The Departments have remained focused on NQTLs related to network composition (e.g., provider and facility network admission standards, credentialing standards, and reimbursement rate methodology) throughout this rulemaking process. The final regulations do not include the proposal that outcomes data for NQTLs related to network composition showing material differences in access would automatically be deemed to violate MHPAEA. However, the final regulations make clear that plan sponsors are expected to take significant steps to address such material differences, including by: (1) strengthening efforts to recruit mental health providers to a network (such as by increasing provider reimbursement rates); (2) expanding telehealth availability; (3) providing outreach to participants to help them find in-network providers; and (4) ensuring provider directories are up to date.

As plan sponsors might surmise, compliance with this part of the final regulations may prove to be somewhat of a moving target and will likely require significant plan sponsor investment to ensure compliance. Although the Departments had issued a proposed safe harbor regarding NQTLs for network composition, that safe harbor was not finalized as part of the final regulations, and the Departments have indicated they are still reviewing the comments they received in response to the proposal.

Timing takeaways for group health plan sponsors?

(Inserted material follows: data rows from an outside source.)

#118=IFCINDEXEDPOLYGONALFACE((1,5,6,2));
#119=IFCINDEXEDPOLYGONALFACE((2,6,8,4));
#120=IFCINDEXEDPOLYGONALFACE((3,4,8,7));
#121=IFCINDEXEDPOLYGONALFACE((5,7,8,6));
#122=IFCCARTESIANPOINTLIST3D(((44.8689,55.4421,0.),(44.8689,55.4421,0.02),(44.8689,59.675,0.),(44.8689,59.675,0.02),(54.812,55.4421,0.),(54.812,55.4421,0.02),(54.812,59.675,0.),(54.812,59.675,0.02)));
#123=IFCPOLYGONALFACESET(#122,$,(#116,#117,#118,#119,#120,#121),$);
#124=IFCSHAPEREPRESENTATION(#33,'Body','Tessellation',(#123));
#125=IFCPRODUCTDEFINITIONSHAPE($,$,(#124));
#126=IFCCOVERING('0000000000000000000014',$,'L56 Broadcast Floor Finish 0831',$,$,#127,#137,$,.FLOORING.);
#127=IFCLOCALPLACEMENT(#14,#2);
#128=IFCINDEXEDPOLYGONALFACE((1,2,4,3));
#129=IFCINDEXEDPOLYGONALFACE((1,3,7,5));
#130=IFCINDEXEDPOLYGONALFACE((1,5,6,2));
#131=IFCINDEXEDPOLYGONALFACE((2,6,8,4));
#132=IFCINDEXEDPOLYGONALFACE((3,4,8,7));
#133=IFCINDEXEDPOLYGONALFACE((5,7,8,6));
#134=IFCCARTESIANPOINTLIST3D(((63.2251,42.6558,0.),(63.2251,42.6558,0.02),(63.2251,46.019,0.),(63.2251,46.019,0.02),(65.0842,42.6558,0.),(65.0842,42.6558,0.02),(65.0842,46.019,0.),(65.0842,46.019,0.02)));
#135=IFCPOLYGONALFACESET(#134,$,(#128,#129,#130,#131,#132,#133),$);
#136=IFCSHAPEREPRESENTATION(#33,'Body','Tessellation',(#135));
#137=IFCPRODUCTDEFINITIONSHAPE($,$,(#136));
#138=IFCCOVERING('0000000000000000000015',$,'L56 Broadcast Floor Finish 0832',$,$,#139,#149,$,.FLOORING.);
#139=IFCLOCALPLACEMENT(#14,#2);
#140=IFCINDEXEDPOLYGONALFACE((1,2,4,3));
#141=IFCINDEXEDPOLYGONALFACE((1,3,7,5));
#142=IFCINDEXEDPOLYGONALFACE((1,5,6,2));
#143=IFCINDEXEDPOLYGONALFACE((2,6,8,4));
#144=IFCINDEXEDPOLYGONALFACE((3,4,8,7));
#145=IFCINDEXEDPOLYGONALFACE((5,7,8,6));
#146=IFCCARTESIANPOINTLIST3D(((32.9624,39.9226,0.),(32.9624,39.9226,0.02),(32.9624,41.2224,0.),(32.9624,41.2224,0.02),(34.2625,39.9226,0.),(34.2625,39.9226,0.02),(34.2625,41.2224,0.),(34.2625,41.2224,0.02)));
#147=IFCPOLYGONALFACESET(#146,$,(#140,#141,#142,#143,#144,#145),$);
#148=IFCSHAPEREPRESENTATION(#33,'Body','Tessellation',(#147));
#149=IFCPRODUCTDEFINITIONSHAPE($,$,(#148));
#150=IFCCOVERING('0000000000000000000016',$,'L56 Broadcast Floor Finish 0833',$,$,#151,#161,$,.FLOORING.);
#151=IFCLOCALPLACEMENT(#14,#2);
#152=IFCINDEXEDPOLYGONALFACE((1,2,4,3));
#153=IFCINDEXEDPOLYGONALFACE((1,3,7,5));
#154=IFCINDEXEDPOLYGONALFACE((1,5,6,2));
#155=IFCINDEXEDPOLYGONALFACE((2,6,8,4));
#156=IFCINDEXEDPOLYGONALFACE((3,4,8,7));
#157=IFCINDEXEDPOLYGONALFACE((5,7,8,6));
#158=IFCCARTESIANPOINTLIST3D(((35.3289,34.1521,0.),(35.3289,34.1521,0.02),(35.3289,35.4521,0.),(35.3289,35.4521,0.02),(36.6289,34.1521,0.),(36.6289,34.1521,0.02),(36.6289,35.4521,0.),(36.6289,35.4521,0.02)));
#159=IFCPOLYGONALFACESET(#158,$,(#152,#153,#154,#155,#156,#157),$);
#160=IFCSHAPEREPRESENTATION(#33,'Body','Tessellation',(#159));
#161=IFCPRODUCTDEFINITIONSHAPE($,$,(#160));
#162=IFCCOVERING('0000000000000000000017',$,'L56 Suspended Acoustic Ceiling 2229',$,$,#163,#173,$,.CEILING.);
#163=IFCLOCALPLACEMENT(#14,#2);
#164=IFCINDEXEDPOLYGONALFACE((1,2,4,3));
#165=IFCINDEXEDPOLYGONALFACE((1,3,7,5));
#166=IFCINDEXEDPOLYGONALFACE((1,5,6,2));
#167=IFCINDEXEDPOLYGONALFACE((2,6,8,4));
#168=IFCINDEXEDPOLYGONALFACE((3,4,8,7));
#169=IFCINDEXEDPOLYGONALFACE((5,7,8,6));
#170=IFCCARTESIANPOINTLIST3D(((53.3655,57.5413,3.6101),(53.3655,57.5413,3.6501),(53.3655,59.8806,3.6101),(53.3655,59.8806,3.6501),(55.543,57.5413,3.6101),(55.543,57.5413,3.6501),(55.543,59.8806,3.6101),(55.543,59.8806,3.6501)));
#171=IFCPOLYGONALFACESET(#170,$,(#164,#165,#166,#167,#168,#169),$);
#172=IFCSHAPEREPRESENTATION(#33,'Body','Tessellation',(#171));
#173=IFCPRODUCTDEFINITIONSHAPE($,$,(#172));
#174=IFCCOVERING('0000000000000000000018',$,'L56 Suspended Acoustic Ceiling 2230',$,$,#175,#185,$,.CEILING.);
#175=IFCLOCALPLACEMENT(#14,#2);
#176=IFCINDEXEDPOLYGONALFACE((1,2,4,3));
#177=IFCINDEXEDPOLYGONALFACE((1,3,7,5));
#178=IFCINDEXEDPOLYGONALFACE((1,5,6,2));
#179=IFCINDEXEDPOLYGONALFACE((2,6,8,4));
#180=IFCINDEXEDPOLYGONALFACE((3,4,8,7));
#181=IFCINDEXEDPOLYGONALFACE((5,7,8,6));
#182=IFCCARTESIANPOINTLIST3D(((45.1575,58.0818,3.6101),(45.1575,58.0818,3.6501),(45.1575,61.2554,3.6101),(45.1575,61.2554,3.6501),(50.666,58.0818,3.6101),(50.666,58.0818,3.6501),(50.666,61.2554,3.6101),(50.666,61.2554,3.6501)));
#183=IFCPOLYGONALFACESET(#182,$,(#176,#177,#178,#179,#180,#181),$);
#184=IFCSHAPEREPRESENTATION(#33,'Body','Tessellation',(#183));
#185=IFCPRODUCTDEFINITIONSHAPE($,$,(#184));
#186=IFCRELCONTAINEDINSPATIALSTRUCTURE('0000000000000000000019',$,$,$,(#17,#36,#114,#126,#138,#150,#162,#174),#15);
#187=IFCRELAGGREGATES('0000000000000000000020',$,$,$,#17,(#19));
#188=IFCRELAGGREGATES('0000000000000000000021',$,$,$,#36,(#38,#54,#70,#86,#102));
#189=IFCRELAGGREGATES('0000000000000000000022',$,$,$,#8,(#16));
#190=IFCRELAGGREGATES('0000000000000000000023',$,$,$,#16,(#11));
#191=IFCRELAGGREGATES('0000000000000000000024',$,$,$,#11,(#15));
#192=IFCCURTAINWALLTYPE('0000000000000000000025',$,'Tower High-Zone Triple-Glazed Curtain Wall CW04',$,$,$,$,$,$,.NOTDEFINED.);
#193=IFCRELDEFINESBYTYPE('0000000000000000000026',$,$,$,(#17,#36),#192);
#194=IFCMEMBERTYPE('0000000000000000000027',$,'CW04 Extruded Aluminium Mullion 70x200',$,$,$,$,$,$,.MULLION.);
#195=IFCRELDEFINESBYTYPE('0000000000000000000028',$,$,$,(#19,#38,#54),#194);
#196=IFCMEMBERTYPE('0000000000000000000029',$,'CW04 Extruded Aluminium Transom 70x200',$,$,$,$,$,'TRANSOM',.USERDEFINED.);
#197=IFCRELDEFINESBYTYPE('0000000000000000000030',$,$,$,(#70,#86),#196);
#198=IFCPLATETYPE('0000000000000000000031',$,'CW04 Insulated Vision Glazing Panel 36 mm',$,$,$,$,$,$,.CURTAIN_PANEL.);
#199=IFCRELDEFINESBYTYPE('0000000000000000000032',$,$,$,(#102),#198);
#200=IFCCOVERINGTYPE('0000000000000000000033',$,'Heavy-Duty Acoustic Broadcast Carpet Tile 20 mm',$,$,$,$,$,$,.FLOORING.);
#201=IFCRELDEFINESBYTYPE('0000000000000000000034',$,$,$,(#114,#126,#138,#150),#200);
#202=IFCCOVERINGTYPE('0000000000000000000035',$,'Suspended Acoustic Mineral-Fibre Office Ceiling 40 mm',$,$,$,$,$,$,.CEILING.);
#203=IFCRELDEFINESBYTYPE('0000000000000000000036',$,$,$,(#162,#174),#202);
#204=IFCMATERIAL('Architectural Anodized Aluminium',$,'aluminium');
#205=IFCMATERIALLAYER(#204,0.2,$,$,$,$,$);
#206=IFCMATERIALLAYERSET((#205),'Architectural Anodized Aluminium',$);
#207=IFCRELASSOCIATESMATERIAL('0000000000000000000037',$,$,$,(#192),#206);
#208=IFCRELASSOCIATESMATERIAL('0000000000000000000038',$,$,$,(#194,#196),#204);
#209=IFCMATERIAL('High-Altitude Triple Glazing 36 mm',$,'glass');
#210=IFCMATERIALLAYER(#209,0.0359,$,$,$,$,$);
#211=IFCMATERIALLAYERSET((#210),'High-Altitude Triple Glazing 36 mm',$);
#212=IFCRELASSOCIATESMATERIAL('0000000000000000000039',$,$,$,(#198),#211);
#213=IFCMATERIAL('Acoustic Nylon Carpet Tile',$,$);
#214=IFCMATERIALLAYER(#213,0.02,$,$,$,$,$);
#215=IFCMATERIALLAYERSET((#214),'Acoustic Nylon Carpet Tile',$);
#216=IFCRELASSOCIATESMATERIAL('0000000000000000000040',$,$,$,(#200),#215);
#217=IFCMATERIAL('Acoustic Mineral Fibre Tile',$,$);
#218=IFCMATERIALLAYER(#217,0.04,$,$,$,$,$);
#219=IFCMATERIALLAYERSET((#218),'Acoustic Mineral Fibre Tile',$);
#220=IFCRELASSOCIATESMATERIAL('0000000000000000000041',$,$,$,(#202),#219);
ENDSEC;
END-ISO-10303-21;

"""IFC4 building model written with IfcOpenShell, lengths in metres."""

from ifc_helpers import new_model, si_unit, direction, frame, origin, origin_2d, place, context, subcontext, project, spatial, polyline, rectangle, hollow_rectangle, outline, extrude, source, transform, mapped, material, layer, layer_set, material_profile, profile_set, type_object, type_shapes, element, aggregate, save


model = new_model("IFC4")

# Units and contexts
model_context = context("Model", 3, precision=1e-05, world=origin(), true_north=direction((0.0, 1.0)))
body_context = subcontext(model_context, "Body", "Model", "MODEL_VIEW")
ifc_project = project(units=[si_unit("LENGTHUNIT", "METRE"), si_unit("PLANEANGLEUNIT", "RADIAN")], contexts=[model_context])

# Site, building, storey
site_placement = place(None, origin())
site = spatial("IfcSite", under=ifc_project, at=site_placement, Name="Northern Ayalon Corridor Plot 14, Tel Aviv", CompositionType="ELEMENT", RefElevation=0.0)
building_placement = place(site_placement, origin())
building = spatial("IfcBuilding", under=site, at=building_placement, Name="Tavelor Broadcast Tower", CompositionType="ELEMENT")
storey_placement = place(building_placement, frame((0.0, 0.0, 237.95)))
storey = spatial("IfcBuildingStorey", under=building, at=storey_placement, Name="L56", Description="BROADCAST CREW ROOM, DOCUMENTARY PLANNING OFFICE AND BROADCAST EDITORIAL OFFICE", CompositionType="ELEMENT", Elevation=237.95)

Since the final rules were released last week, several advocacy groups have indicated they are weighing the possibility of filing a lawsuit to set aside certain portions of the final rule on the basis it exceeds the regulatory authority of the Departments (in particular, the new “meaningful benefits” standard and outcomes data requirements, which would be effective starting in 2026). It’s hard to predict the outcome and speed at which such litigation might proceed, and whether the court’s decision would impact any portions of the rule set to take effect in 2025. For that reason, some plan sponsors may choose to focus on compliance deadlines with a 2025 effective date for now (which is plenty to address on its own), and adopt a wait-and-see approach on the new requirements slated for 2026 until the outcome of any potential litigation becomes clearer.